We see how Minuit.migrad does on this, and for comparison, also run a few Scipy minimizers on the same problem.

[ ]:
%config InlineBackend.figure_formats = ['svg']
import numpy as np
from iminuit.cost import LeastSquares
from iminuit import Minuit
from matplotlib import pyplot as plt
from dataclasses import dataclass
[ ]:
@dataclass
class Migrad:
    strategy: int
    iterate: int
    use_simplex: bool

    def __repr__(self):
        return f"Migrad: strategy={self.strategy} iterate={self.iterate} use_simplex={self.use_simplex}"


for minimizer in (
    Migrad(0, 1, False),
    Migrad(0, 5, False),
    Migrad(0, 5, True),
    Migrad(1, 1, False),
    Migrad(1, 5, False),
    Migrad(1, 5, True),
    Migrad(2, 1, False),
    Migrad(2, 5, False),
    Migrad(2, 5, True),
    "Nelder-Mead",
    "powell",
    "BFGS",
    "L-BFGS-B",
    "TNC",
    "SLSQP",
    "COBYLA",
):
    valid = []
    val = []
    err = []
    nfcn = []
    power = np.geomspace(1e-20, 1, 25)

    rng = np.random.default_rng(1)
    for p in power:

        def fn(x, par):
            return x * par[0] + 1 + p * par[1] + rng.normal(0.0, 1e-7)

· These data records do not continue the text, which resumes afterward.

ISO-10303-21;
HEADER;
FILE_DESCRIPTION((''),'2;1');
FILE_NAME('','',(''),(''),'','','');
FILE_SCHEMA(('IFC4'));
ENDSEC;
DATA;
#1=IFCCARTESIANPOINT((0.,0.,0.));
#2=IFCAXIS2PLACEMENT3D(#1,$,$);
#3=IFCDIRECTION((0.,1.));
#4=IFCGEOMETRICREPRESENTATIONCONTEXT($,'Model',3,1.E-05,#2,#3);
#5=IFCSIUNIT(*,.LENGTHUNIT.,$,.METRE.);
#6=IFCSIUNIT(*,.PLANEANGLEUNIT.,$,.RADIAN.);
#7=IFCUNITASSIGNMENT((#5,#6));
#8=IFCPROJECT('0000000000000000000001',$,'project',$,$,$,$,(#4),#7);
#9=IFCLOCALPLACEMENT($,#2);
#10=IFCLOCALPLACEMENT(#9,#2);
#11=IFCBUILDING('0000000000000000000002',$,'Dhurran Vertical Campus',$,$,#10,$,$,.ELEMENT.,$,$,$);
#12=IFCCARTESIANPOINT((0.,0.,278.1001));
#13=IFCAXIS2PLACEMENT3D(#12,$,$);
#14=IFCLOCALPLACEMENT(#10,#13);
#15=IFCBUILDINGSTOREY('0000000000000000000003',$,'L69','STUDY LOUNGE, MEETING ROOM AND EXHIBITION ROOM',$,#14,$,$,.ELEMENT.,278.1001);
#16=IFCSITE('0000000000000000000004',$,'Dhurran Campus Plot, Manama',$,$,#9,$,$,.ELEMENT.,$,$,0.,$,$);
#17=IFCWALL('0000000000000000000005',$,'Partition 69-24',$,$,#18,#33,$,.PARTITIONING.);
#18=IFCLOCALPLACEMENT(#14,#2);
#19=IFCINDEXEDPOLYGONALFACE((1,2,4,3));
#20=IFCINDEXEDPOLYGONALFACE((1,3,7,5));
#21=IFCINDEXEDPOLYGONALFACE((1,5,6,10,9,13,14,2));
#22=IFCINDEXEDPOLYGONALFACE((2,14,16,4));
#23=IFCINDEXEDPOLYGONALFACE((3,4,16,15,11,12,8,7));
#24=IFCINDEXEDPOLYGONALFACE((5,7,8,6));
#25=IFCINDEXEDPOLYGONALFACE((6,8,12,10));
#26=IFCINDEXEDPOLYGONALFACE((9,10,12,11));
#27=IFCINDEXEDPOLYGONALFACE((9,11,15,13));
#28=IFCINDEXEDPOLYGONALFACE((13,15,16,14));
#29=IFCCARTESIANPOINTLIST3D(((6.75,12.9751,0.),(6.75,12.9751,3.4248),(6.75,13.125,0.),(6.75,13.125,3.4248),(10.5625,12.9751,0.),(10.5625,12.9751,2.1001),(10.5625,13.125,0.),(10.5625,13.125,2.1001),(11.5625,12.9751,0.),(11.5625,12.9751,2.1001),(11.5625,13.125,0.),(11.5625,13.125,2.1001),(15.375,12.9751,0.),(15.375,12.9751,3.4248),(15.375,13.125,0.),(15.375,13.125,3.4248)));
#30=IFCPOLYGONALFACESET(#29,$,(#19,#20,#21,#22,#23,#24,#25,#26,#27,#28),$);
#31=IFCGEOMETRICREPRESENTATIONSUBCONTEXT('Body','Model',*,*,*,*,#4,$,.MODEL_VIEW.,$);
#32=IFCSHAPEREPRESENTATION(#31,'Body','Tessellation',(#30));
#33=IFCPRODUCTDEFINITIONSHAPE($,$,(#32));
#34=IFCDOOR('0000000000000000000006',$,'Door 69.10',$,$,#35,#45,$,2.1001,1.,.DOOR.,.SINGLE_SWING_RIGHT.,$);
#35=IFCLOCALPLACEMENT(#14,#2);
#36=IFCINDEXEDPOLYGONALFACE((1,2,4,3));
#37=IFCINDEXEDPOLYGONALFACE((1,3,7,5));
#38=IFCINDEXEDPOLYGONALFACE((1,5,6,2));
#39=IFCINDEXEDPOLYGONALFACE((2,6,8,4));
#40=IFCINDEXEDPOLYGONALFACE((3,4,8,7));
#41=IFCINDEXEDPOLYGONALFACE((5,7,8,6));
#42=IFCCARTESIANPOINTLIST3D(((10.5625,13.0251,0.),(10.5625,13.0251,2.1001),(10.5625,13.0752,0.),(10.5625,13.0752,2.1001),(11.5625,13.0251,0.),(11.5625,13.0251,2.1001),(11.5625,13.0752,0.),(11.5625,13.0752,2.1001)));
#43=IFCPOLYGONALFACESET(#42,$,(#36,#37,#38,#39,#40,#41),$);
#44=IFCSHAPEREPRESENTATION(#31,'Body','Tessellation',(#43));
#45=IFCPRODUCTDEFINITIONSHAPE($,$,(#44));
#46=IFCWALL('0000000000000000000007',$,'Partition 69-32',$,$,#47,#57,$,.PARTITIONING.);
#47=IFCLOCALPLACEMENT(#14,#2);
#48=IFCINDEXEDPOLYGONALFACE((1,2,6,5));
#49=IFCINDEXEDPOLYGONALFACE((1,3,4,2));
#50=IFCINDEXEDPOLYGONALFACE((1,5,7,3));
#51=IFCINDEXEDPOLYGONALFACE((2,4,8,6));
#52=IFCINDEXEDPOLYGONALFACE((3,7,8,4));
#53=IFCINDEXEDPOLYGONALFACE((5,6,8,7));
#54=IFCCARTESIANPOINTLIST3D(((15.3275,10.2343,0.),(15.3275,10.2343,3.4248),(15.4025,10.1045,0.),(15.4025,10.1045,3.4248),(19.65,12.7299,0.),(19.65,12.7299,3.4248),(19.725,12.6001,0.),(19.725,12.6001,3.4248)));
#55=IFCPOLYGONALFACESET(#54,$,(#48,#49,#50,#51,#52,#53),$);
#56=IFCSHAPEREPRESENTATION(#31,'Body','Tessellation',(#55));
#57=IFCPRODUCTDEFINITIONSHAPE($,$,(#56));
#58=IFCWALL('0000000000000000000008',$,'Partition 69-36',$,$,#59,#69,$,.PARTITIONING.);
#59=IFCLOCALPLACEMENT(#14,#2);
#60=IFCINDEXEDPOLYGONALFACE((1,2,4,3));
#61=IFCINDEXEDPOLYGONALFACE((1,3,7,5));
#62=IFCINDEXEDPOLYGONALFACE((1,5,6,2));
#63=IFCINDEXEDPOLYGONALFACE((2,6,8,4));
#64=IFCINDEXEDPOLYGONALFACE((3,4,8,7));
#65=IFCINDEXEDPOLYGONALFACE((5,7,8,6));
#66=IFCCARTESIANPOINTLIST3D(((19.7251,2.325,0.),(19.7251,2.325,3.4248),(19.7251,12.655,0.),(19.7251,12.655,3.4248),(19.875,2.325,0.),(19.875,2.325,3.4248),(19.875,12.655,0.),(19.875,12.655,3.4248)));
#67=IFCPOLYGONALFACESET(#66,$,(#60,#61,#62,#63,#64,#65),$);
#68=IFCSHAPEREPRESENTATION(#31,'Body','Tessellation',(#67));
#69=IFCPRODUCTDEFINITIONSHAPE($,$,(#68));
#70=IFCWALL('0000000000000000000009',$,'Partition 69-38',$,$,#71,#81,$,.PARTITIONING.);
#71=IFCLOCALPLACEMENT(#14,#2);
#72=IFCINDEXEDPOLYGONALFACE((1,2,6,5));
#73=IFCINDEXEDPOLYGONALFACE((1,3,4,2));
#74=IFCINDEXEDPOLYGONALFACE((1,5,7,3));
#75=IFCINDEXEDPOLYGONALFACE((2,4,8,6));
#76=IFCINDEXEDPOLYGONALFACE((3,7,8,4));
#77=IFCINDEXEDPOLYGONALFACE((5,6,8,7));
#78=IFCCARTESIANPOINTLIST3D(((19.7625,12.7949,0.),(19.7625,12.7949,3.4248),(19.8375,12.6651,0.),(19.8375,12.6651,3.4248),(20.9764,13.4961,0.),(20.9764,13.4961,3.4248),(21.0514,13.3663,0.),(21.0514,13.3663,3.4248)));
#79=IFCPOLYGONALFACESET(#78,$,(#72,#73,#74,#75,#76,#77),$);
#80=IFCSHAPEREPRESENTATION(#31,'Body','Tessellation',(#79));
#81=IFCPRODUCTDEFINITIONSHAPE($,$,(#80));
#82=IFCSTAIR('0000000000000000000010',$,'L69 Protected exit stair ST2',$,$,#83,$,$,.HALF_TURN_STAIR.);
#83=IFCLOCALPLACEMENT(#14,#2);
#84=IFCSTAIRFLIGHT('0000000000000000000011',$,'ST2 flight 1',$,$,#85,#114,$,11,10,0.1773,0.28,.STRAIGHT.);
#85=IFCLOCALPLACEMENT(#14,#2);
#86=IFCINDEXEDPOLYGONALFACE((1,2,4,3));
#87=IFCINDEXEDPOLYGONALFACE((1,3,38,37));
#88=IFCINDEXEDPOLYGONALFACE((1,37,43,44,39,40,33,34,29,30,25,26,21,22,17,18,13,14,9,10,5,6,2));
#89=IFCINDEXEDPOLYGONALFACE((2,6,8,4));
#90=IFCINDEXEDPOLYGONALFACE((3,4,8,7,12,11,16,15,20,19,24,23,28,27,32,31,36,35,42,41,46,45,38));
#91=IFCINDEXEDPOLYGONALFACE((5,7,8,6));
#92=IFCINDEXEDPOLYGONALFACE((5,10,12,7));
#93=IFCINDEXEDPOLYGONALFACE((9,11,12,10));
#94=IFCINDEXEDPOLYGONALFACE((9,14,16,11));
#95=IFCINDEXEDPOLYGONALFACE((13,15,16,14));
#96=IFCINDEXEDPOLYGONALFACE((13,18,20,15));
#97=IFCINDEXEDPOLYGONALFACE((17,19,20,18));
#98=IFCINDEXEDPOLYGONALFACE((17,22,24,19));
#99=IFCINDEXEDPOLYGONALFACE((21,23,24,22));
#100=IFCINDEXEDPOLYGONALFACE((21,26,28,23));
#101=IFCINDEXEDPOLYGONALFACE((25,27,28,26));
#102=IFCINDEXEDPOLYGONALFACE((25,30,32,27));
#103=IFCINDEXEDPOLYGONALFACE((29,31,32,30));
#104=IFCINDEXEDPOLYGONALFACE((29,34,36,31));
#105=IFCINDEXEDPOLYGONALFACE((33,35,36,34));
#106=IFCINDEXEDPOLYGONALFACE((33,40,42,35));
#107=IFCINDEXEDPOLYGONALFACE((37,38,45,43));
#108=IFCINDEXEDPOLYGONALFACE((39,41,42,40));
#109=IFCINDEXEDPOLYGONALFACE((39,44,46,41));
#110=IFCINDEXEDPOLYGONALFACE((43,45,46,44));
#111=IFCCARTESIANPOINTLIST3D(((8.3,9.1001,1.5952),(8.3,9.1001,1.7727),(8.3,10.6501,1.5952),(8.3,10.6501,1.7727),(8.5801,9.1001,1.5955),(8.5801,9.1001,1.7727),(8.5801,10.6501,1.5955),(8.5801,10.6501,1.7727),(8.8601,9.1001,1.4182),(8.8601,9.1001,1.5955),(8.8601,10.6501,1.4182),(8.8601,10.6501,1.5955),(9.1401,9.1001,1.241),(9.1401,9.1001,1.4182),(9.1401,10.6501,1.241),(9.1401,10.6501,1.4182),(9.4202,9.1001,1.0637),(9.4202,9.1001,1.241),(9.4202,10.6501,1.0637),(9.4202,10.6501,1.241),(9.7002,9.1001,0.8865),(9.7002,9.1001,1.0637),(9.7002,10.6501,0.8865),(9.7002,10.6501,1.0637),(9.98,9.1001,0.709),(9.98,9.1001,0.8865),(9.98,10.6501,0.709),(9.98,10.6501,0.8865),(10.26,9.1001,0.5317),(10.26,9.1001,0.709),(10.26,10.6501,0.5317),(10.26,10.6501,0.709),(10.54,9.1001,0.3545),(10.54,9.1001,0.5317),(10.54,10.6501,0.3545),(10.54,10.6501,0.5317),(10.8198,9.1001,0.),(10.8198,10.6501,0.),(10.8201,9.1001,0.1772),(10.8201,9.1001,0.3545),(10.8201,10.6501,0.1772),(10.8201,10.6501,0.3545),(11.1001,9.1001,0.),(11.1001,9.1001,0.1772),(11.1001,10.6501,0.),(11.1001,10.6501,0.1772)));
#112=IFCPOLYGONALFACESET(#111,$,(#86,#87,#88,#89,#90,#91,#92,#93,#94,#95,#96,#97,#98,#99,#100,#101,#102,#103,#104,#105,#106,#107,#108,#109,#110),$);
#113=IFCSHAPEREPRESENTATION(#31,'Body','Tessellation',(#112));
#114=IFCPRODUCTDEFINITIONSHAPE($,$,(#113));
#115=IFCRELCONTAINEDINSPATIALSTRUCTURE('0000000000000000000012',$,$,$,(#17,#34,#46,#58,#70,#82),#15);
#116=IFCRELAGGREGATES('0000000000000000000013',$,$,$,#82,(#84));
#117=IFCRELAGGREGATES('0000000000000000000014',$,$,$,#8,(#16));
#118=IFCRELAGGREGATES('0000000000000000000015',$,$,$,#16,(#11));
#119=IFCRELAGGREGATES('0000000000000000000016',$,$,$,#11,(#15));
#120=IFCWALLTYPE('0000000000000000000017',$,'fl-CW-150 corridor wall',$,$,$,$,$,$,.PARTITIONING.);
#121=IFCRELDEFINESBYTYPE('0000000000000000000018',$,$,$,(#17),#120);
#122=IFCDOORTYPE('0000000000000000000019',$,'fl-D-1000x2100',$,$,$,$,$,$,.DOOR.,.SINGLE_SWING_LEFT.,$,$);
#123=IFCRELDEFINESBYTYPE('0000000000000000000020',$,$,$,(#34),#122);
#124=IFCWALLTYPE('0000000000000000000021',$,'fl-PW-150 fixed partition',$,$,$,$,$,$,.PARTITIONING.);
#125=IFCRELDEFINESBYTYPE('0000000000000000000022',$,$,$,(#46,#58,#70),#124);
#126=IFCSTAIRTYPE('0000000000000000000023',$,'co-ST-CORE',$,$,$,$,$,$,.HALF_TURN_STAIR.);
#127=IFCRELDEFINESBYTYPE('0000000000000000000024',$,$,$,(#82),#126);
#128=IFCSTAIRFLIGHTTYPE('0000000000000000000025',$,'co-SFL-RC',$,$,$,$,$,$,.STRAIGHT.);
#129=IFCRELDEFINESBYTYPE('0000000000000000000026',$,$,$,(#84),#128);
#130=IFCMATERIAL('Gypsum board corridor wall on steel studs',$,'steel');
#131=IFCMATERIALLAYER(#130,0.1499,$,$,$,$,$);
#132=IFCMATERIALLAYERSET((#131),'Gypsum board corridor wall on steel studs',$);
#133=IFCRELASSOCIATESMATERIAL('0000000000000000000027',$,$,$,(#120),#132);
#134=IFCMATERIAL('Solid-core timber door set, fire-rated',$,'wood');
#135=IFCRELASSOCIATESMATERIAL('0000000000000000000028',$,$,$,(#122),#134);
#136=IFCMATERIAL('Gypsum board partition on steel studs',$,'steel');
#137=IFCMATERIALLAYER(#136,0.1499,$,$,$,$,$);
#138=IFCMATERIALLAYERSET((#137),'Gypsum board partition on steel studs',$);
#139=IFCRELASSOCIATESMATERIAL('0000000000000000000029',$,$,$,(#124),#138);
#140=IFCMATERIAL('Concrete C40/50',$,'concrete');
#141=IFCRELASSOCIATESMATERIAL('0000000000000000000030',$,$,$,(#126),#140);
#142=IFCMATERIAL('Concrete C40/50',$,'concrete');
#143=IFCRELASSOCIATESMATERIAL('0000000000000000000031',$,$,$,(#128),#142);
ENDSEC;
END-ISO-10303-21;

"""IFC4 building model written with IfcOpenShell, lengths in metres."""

from ifc_helpers import new_model, si_unit, direction, frame, frame_2d, origin, place, context, subcontext, project, spatial, polyline, rectangle, outline, extrude, material, layer, layer_set, type_object, element, fill, aggregate, save


model = new_model("IFC4")

# Units and contexts
model_context = context("Model", 3, precision=1e-05, world=origin(), true_north=direction((0.0, 1.0)))
body_context = subcontext(model_context, "Body", "Model", "MODEL_VIEW")
ifc_project = project(units=[si_unit("LENGTHUNIT", "METRE"), si_unit("PLANEANGLEUNIT", "RADIAN")], contexts=[model_context])

# Site, building, storey
site_placement = place(None, origin())
site = spatial("IfcSite", under=ifc_project, at=site_placement, Name="Dhurran Campus Plot, Manama", CompositionType="ELEMENT", RefElevation=0.0)
building_placement = place(site_placement, origin())
building = spatial("IfcBuilding", under=site, at=building_placement, Name="Dhurran Vertical Campus", CompositionType="ELEMENT")
storey_placement = place(building_placement, frame((0.0, 0.0, 278.1001)))
storey = spatial("IfcBuildingStorey", under=building, at=storey_placement, Name="L69", Description="STUDY LOUNGE, MEETING ROOM AND EXHIBITION ROOM", CompositionType="ELEMENT", Elevation=278.1001)

# Wall, opening, door
ifc_material_1 = material(Name="Gypsum board corridor wall on steel studs", Category="steel")
ifc_layer_1 = layer(ifc_material_1, 0.1499)
ifc_layer_set_1 = layer_set([ifc_layer_1], Name="Gypsum board corridor wall on steel studs")
wall_type_1 = type_object("IfcWallType", Name="fl-CW-150 corridor wall", PredefinedType="PARTITIONING", material=ifc_layer_set_1)
wall_1_placement = place(storey_placement, frame((15.375, 13.05, 0.0), z_axis=(0.0, 0.0, 1.0), x_axis=(-1.0, 0.0, 0.0)))
wall_1 = element("IfcWall", 1, at=wall_1_placement, inside=storey, type_object=wall_type_1, Name="Partition 69-24", PredefinedType="PARTITIONING", context=body_context, shape_type="SweptSolid", body=[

        x = np.linspace(1, 3, 5)
        c = LeastSquares(x, fn(x, [1, 0]), 1, fn)
        m = Minuit(c, [10, 10])
        if isinstance(minimizer, Migrad):
            m.strategy = minimizer.strategy
            m.migrad(iterate=minimizer.iterate, use_simplex=minimizer.use_simplex)
        else:
            m.scipy(method=minimizer)
        m.hesse()
        valid.append(m.valid)
        val.append(m.values[:])
        err.append(m.errors[:])
        nfcn.append(m.nfcn)

    valid = np.array(valid)
    val = np.array(val)
    err = np.array(err)
    nfcn = np.array(nfcn)

    fig, ax = plt.subplots(1, 2, figsize=(9, 3), sharex=True)
    plt.suptitle(f"{minimizer} median(nFCN)={np.mean(nfcn):.0f}")
    for v in (True, False):
        m = valid == v
        plt.sca(ax[0])
        plt.errorbar(power[m], val[m, 0], err[m, 0], fmt="o")
        plt.sca(ax[1])
        plt.errorbar(power[m], val[m, 1] * power[m], err[m, 1] * power[m], fmt="o")
    plt.sca(ax[0])
    plt.semilogx()
    plt.ylabel(r"$p_0$")
    plt.ylim(-0.5, 2.5)
    plt.sca(ax[1])
    plt.semilogx()
    plt.ylabel(r"$p_1 \times factor$")
    plt.ylim(-3, 3)
    fig.supxlabel("factor")
../_images/notebooks_unstable_fit_2_0.svg
../_images/notebooks_unstable_fit_2_1.svg
../_images/notebooks_unstable_fit_2_2.svg
../_images/notebooks_unstable_fit_2_3.svg
../_images/notebooks_unstable_fit_2_4.svg
../_images/notebooks_unstable_fit_2_5.svg
../_images/notebooks_unstable_fit_2_6.svg
../_images/notebooks_unstable_fit_2_7.svg
../_images/notebooks_unstable_fit_2_8.svg
../_images/notebooks_unstable_fit_2_9.svg
../_images/notebooks_unstable_fit_2_10.svg
../_images/notebooks_unstable_fit_2_11.svg
../_images/notebooks_unstable_fit_2_12.svg
../_images/notebooks_unstable_fit_2_13.svg
../_images/notebooks_unstable_fit_2_14.svg
../_images/notebooks_unstable_fit_2_15.svg

Minuit.migrad handles pathological cases quite well compared to many Scipy minimizers. Scipy minimizers which don’t compute a gradient (Nelder-Mead, Powell, COBYLA) also do well on our noisy model, as can be expected. Nevertheless, the performance of Minuit.migrad with strategy 1 is better, it reaches the minimum faster than the other minimizers while being similarly robust.

The interleaving of Minuit.migrad and Minuit.simplex calls is a mixed bag in this toy scenario. The default is to use Minuit.simplex however, because Minuit.simplex can often reach the minimum from poorly chosen starting values, a pathological case which we are not testing here.